The reasons that marijuana should be legal are too many to list, but we will list a few.

First, there is no reason to for Americans to suffer when there is a remedy that will help them with their ailment, especially when that remedy has fewer and less dangerous side effects than the drugs that doctors prescribe and does a better job. It could be argued that pot has fewer side effects than Extra Strength Tylenol. There is no argument that it has fewer side effects than narcotic pain medication, NSAID’s (non-steroidal anti-inflammatory drugs) and high-powered muscle relaxants.

Second, through the proper legal and regulated growth and sell of marijuana it can be far less expensive than the cost of the drugs that it replaces. Marijuana is relatively inexpensive, but if it were grown legally and treated like a legal drug, the cost of production would drop. As it is now, the price is inflated due to the risk that people take and the cost of smuggling.

Third, in a free country there is no reason for it to be illegal to anyone in the first place. It is one thing to pass laws regarding its use — not smoking it in a public place, for example. However, what someone does in his or her own home that does not harm society is not society’s business.

Fourth, the truth is that there is a big lobby fighting the legalization of marijuana. Do you think that Budweiser wants Bud to be legal; do you think Jack Daniels does?
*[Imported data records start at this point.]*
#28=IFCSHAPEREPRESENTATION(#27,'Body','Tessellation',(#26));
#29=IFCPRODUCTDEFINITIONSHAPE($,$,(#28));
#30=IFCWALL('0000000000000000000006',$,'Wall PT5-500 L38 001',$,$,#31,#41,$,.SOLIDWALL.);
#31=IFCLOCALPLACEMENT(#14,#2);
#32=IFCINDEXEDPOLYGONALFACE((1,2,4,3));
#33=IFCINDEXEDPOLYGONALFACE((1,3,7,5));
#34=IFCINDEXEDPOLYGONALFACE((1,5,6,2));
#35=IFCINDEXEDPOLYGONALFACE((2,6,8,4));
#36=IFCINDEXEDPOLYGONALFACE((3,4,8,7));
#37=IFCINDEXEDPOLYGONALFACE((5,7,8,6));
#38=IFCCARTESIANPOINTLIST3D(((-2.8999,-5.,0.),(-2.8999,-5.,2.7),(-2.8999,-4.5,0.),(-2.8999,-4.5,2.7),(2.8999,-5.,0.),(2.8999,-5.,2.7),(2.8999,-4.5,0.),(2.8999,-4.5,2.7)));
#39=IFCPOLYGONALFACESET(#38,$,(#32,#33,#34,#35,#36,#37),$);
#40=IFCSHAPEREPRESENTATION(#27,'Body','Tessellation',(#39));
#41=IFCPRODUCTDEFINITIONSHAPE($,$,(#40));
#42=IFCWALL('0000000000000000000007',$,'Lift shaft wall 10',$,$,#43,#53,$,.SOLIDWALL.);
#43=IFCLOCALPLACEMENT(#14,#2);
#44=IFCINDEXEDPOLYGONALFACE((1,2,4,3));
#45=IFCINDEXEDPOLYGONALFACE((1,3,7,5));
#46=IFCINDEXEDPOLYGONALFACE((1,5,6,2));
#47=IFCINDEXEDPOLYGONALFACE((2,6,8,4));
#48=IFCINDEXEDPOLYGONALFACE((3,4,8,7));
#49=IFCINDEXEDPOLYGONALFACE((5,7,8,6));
No, they sell far more harmful substances that anyone over the age of 21 can pick up at almost any convenience or liquor store.

Fifth, we have been fighting and losing a drug war for longer than any of us can remember, and a large reason that we are losing is marijuana. If this relatively safe substance were legal, it would remove more than half of the problem. This would allow the drug agencies to focus on real drugs like methamphetamines, cocaine and heroin, and then we could finally make some progress towards taking these dangerous drugs of the streets.

Sixth, everyone needs an excuse for drinking a gallon of milk and eating three bags of Oreos.

Finally, for those of you that say it would make it easier for children to get their hands on marijuana, that is just BS or stupidity. When I was in high school, it was easier to buy unregulated marijuana — I could usually find a bag between the front of the door of the school and my locker –than it was to buy a regulated bottle of Jack Daniels. Dope dealers do not check IDs.

The truth is that the war on marijuana is almost over; the stigma is gone. The lies about it have been largely disproven, and there has been so much research done on cannabis that the anti-pot establishment is finding it hard to pass off new lies about it.

For that reason, the legalization of marijuana will happen sometime in the not so distant future.

The question is: should we deny people medical marijuana now when we know it is eventually going to be legal for all?